Further details about the model is available in the [(paper)](https://aclanthology.org/2023.findings-acl.97/).
Model Information
Property |
Details |
Pipeline Tag |
fill - mask |
Languages |
aa, af, am, ak, bm, ff, fon, ha, ig, ki, lg, ln, mg, nr, om, rn, run, sw, sn, tn, ti, ve, wo, xh, yo, zu |
Tags |
Masked Langauge Model |
Widget Examples |
1. ẹ jọwọ , ẹ mi. 2. gbọ́ láìfọ̀rọ̀ gùn rárá. |
📦 Installation
No specific installation steps provided in the original document.
💻 Usage Examples
Basic Usage
Below is an example for using Serengeti to predict masked tokens.
from transformers import AutoTokenizer, AutoModelForMaskedLM
tokenizer = AutoTokenizer.from_pretrained("UBC-NLP/serengeti-E250", use_auth_token="XXX")
model = AutoModelForMaskedLM.from_pretrained("UBC-NLP/serengeti-E250", use_auth_token="XXX")
from transformers import pipeline
classifier = pipeline("fill-mask", model=model, tokenizer=tokenizer)
classifier("ẹ jọwọ , ẹ <mask> mi")
[{'score': 0.07887924462556839,
'token': 8418,
'token_str': 'ọmọ',
'sequence': 'ẹ jọwọ, ẹ ọmọ mi'},
{'score': 0.04658124968409538,
'token': 156595,
'token_str': 'fẹ́ràn',
'sequence': 'ẹ jọwọ, ẹ fẹ́ràn mi'},
{'score': 0.029315846040844917,
'token': 204050,
'token_str': 'gbàgbé',
'sequence': 'ẹ jọwọ, ẹ gbàgbé mi'},
{'score': 0.02790883742272854,
'token': 10730,
'token_str': 'kọ',
'sequence': 'ẹ jọwọ, ẹ kọ mi'},
{'score': 0.022904086858034134,
'token': 115382,
'token_str': 'bẹ̀rù',
'sequence': 'ẹ jọwọ, ẹ bẹ̀rù mi'}]
For more details, please read this notebook 
📚 Documentation
Ethics
Serengeti aligns with Afrocentric NLP, considering the needs of African people when developing technology. We believe it will be useful for language speakers and researchers. Here are some use - cases and impacts:
- Serengeti aims to address the lack of technology access in about 90% of the world's languages, especially focusing on Africa. It's the first massively multilingual PLM for African languages and varieties, covering 517 languages, the largest to date for African NLP.
- It enables better access to important information for the African community in Indigenous African languages, benefiting non - fluent speakers of other languages and potentially connecting more people globally.
- Serengeti offers opportunities for language preservation of many African languages. It consists of languages not used in NLP tasks until now and can encourage their continued use and future language technology development.
- To mitigate discrimination and bias, we manually curate datasets. Native speakers of multiple languages evaluated a data subset. The data is from various domains to better represent native language usage.
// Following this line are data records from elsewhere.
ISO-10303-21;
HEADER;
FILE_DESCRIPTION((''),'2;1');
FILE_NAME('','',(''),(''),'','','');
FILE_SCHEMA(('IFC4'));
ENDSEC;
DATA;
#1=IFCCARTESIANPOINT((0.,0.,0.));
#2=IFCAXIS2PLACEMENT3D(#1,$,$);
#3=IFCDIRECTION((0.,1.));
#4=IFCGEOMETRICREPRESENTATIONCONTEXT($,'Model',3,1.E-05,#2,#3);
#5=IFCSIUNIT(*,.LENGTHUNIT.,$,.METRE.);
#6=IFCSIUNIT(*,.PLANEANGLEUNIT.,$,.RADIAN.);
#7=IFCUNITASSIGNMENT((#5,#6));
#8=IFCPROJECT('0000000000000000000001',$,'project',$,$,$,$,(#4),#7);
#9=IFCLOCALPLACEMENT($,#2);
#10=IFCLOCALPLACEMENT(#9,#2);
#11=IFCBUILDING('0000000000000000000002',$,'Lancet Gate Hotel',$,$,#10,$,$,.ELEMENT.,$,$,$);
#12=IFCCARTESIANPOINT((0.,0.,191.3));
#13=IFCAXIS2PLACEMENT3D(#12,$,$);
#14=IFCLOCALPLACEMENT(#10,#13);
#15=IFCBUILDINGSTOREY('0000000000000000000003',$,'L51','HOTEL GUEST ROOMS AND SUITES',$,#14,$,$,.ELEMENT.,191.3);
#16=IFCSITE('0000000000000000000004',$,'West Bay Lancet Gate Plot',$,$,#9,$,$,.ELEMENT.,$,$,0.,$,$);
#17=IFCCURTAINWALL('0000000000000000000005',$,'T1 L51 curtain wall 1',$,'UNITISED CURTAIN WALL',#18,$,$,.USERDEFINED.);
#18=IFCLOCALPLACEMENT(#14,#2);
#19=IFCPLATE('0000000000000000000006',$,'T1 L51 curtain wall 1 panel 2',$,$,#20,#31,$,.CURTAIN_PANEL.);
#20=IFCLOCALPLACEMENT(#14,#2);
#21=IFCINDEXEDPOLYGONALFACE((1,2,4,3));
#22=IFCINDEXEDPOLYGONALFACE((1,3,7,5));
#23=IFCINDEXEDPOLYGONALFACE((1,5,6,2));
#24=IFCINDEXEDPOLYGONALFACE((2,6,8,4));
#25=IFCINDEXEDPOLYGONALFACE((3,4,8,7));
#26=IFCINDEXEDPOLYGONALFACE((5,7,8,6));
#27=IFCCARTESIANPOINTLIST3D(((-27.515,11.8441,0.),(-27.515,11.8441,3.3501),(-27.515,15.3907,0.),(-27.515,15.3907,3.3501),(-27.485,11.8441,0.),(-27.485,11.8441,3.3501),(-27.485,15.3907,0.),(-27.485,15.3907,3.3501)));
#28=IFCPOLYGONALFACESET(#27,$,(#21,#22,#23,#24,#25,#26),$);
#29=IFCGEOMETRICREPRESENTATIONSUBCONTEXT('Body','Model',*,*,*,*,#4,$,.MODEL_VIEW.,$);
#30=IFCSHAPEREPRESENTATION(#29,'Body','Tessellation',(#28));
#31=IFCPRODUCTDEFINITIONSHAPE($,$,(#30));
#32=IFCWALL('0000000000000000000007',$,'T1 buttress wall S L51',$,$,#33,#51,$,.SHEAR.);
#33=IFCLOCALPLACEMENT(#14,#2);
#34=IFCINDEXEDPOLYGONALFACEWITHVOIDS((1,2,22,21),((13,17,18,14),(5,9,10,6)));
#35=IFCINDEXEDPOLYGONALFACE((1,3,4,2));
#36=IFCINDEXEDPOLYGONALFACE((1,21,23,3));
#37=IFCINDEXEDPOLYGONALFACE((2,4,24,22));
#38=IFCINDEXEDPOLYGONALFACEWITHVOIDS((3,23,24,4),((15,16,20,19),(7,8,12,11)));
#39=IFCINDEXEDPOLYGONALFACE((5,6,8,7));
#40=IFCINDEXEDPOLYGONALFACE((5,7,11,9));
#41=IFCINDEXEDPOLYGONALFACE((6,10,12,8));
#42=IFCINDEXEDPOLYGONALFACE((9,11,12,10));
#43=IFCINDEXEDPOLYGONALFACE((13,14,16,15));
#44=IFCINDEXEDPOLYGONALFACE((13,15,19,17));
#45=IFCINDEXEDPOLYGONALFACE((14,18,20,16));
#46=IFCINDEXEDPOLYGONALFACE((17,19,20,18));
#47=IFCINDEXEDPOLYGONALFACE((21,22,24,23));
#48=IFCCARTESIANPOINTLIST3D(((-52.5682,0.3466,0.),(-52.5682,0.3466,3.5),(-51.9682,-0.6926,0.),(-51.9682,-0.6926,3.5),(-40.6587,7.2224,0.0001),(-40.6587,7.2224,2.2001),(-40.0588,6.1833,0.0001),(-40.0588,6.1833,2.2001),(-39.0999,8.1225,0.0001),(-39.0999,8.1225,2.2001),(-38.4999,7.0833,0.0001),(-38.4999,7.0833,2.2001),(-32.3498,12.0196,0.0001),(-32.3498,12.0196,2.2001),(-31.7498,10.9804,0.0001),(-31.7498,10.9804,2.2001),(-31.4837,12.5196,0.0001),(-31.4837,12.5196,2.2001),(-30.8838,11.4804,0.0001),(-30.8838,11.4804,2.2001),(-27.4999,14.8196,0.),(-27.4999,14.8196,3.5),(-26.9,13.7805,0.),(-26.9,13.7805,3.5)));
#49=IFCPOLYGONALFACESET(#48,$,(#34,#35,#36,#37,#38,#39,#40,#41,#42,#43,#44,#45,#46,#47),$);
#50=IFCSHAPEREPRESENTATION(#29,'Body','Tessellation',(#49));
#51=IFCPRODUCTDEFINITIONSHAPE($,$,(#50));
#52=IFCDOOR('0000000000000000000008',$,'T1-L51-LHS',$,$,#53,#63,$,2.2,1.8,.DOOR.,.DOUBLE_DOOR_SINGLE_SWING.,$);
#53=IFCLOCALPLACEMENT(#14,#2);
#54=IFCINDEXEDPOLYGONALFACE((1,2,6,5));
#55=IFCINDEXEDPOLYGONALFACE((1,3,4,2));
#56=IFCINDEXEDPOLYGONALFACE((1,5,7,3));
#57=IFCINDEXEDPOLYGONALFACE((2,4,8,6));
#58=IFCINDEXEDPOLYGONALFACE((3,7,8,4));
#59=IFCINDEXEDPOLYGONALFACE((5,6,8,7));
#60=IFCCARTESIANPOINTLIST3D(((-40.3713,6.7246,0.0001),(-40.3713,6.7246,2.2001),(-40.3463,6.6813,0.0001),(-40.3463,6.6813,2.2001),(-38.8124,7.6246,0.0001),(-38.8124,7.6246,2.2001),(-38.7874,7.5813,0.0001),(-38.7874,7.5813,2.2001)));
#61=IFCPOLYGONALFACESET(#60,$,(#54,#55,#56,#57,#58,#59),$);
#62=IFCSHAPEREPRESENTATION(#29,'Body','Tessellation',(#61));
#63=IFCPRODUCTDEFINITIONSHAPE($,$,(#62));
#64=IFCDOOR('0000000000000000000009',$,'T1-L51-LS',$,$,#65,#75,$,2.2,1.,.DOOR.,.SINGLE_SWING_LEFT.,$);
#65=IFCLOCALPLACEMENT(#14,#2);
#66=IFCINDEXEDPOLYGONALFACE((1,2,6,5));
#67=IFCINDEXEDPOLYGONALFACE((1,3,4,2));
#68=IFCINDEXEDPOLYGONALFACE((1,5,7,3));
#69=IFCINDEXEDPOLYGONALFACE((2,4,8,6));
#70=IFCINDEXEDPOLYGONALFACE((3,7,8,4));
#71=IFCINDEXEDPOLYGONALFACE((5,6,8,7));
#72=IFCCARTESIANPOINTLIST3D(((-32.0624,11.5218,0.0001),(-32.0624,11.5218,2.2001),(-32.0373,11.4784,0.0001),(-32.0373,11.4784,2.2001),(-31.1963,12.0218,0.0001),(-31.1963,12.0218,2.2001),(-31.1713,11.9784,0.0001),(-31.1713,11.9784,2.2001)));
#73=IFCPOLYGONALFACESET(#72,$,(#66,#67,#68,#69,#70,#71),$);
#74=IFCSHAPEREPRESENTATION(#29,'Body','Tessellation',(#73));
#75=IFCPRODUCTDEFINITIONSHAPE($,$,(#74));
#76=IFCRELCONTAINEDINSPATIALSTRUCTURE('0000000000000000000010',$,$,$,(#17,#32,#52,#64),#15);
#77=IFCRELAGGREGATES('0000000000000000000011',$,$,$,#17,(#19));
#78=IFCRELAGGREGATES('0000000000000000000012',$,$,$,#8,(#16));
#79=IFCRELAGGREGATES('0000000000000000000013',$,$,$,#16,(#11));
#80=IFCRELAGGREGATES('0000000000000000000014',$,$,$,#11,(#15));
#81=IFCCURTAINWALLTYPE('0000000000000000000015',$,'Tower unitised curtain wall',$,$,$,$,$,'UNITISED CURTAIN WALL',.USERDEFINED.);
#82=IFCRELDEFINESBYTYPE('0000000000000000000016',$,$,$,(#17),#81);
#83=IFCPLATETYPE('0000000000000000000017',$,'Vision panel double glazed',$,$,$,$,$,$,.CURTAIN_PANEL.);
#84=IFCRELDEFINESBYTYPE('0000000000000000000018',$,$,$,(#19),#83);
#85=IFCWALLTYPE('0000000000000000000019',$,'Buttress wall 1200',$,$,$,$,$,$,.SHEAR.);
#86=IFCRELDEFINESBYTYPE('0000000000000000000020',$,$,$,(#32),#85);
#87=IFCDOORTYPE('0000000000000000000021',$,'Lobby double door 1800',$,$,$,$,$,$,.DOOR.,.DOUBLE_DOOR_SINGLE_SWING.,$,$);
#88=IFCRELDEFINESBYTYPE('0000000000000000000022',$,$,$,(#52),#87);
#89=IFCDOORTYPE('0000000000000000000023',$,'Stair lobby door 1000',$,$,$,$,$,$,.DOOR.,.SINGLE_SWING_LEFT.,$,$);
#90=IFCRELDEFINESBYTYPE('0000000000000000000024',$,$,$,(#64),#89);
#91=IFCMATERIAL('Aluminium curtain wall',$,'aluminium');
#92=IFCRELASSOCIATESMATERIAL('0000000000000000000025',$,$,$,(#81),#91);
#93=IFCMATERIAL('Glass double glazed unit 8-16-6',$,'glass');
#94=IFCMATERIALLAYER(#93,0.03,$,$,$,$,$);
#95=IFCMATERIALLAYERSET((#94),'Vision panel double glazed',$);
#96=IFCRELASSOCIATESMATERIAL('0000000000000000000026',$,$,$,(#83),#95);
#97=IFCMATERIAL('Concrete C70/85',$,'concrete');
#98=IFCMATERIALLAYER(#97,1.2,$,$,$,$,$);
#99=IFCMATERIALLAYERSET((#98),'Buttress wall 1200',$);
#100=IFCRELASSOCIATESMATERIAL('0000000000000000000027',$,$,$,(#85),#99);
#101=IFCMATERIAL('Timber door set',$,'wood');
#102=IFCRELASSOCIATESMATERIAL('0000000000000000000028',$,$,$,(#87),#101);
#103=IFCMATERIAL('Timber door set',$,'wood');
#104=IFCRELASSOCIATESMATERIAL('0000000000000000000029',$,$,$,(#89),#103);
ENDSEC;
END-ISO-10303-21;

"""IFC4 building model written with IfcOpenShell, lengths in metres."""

from ifc_helpers import new_model, si_unit, direction, frame, frame_2d, origin, origin_2d, place, context, subcontext, project, spatial, rectangle, extrude, material, layer, layer_set, type_object, element, fill, aggregate, save


model = new_model("IFC4")

# Units and contexts
model_context = context("Model", 3, precision=1e-05, world=origin(), true_north=direction((0.0, 1.0)))
body_context = subcontext(model_context, "Body", "Model", "MODEL_VIEW")
ifc_project = project(units=[si_unit("LENGTHUNIT", "METRE"), si_unit("PLANEANGLEUNIT", "RADIAN")], contexts=[model_context])

# Site, building, storey
site_placement = place(None, origin())
site = spatial("IfcSite", under=ifc_project, at=site_placement, Name="West Bay Lancet Gate Plot", CompositionType="ELEMENT", RefElevation=0.0)
building_placement = place(site_placement, origin())
building = spatial("IfcBuilding", under=site, at=building_placement, Name="Lancet Gate Hotel", CompositionType="ELEMENT")
storey_placement = place(building_placement, frame((0.0, 0.0, 191.3)))
storey = spatial("IfcBuildingStorey", under=building, at=storey_placement, Name="L51", Description="HOTEL GUEST ROOMS AND SUITES", CompositionType="ELEMENT", Elevation=191.3)

# Curtain wall
ifc_material_1 = material(Name="Aluminium curtain wall", Category="aluminium")
curtain_wall_type = type_object("IfcCurtainWallType", Name="Tower unitised curtain wall", ElementType="UNITISED CURTAIN WALL", PredefinedType="USERDEFINED", material=ifc_material_1)
curtain_wall_placement = place(storey_placement, origin())
curtain_wall = element("IfcCurtainWall", 1, at=curtain_wall_placement, inside=storey, type_object=curtain_wall_type, Name="T1 L51 curtain wall 1", ObjectType="UNITISED CURTAIN WALL", PredefinedType="USERDEFINED")

# Plate
ifc_material_2 = material(Name="Glass double glazed unit 8-16-6", Category="glass")
ifc_layer_1 = layer(ifc_material_2, 0.03)
ifc_layer_set_1 = layer_set([ifc_layer_1], Name="Vision panel double glazed")
plate_type = type_object("IfcPlateType", Name="Vision panel double glazed", PredefinedType="CURTAIN_PANEL", material=ifc_layer_set_1)
plate_1_placement = place(storey_placement, frame((-27.5, 13.6174, 0.0), z_axis=(0.0, 0.0, 1.0), x_axis=(0.0, 1.0, 0.0)))
plate_1 = element("IfcPlate", 2, at=plate_1_placement, type_object=plate_type, Name="T1 L51 curtain wall 1 panel 2", PredefinedType="CURTAIN_PANEL", context=body_context, shape_type="SweptSolid", body=[
    extrude(rectangle(XDim=3.5466, YDim=0.03, at=origin_2d()), origin(), (0.0, 0.0, 1.0), 3.3501),
])
aggregate(curtain_wall, [plate_1])

# Wall, openings, doors
ifc_material_3 = material(Name="Concrete C70/85", Category="concrete")
ifc_layer_2 = layer(ifc_material_3, 1.2)
ifc_layer_set_2 = layer_set([ifc_layer_2], Name="Buttress wall 1200")
wall_type = type_object("IfcWallType", Name="Buttress wall 1200", PredefinedType="SHEAR", material=ifc_layer_set_2)
wall_placement = place(storey_placement, frame((-27.2, 14.3, 0.0), z_axis=(0.0, 0.0, 1.0), x_axis=(-0.866027, -0.499998, 0.0)))
wall = element("IfcWall", 3, at=wall_placement, inside=storey, type_object=wall_type, Name="T1 buttress wall S L51", PredefinedType="SHEAR", context=body_context, shape_type="SweptSolid", body=[
    extrude(rectangle(XDim=28.9463, YDim=1.2, at=frame_2d((14.4731, 0.0))), origin(), (0.0, 0.0, 1.0), 3.5),
])
opening_1_placement = place(wall_placement, frame((4.6001, 0.0, 0.0)))
opening_1 = element("IfcOpeningElement", 4, at=opening_1_placement, cuts=wall, PredefinedType="OPENING", context=body_context, shape_type="SweptSolid", body=[
    extrude(rectangle(XDim=1.0, YDim=2.2, at=frame_2d((0.5, 1.1001))), frame((0.0, 0.6099, 0.0), z_axis=(0.0, -1.0, 0.0), x_axis=(1.0, 0.0, 0.0)), (0.0, 0.0, 1.0), 1.22),
])
opening_2_placement = place(wall_placement, frame((13.3945, 0.0, 0.0)))
opening_2 = element("IfcOpeningElement", 5, at=opening_2_placement, cuts=wall, PredefinedType="OPENING", context=body_context, shape_type="SweptSolid", body=[
    extrude(rectangle(XDim=1.8, YDim=2.2, at=frame_2d((0.8999, 1.1001))), frame((0.0, 0.6099, 0.0), z_axis=(0.0, -1.0, 0.0), x_axis=(1.0, 0.0, 0.0)), (0.0, 0.0, 1.0), 1.22),
])
ifc_material_4 = material(Name="Timber door set", Category="wood")
door_type_1 = type_object("IfcDoorType", Name="Lobby double door 1800", OperationType="DOUBLE_DOOR_SINGLE_SWING", PredefinedType="DOOR", material=ifc_material_4)
door_1_placement = place(opening_2_placement, origin())
door_1 = element("IfcDoor", 6, at=door_1_placement, inside=storey, type_object=door_type_1, Name="T1-L51-LHS", OperationType="DOUBLE_DOOR_SINGLE_SWING", OverallHeight=2.2, OverallWidth=1.8, PredefinedType="DOOR", context=body_context, shape_type="SweptSolid", body=[
    extrude(rectangle(XDim=1.8, YDim=2.2, at=frame_2d((0.8999, 1.1001))), frame((0.0, 0.0249, 0.0), z_axis=(0.0, -1.0, 0.0), x_axis=(1.0, 0.0, 0.0)), (0.0, 0.0, 1.0), 0.05),
])
fill(opening_2, door_1)
ifc_material_5 = material(Name="Timber door set", Category="wood")
door_type_2 = type_object("IfcDoorType", Name="Stair lobby door 1000", OperationType="SINGLE_SWING_LEFT", PredefinedType="DOOR", material=ifc_material_5)
door_2_placement = place(opening_1_placement, origin())
door_2 = element("IfcDoor", 7, at=door_2_placement, inside=storey, type_object=door_type_2, Name="T1-L51-LS", OperationType="SINGLE_SWING_LEFT", OverallHeight=2.2, OverallWidth=1.0, PredefinedType="DOOR", context=body_context, shape_type="SweptSolid", body=[
    extrude(rectangle(XDim=1.0, YDim=2.2, at=frame_2d((0.5, 1.1001))), frame((0.0, 0.0249, 0.0), z_axis=(0.0, -1.0, 0.0), x_axis=(1.0, 0.0, 0.0)), (0.0, 0.0, 1.0), 0.05),
])
fill(opening_1, door_2)

save(model, "model.ifc")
- Although LMs are useful, they can be misused. Serengeti is developed using public datasets that may have biases. Our analyses are not comprehensive, and we lack access to native speakers of most covered languages, which hinders bias investigation.
Supported Languages
Please refer to [suported - languages](./supported - languages.txt)
Citation
If you use the pre - trained model (Serengeti) for your scientific publication, or if you find the resources in this repository useful, please cite our paper as follows (to be updated):
@inproceedings{adebara-etal-2023-serengeti,
title = "{SERENGETI}: Massively Multilingual Language Models for {A}frica",
author = "Adebara, Ife and
Elmadany, AbdelRahim and
Abdul - Mageed, Muhammad and
Alcoba Inciarte, Alcides",
booktitle = "Findings of the Association for Computational Linguistics: ACL 2023",
month = jul,
year = "2023",
address = "Toronto, Canada",
publisher = "Association for Computational Linguistics",
url = "https://aclanthology.org/2023.findings - acl.97",
doi = "10.18653/v1/2023.findings - acl.97",
pages = "1498--1537",
}
Acknowledgments
We gratefully acknowledge support from Canada Research Chairs (CRC), the Natural Sciences and Engineering Research Council of Canada (NSERC; RGPIN - 2018 - 04267), the Social Sciences and Humanities Research Council of Canada (SSHRC; 435 - 2018 - 0576; 895 - 2020 - 1004; 895 - 2021 - 1008), Canadian Foundation for Innovation (CFI; 37771), Digital Research Alliance of Canada, [UBC ARC - Sockeye](https://arc.ubc.ca/ubc - arc - sockeye), Advanced Micro Devices, Inc. (AMD), and Google. Any opinions, conclusions or recommendations expressed in this material are those of the author(s) and do not necessarily reflect the views of CRC, NSERC, SSHRC, CFI, the Alliance, AMD, Google, or UBC ARC - Sockeye.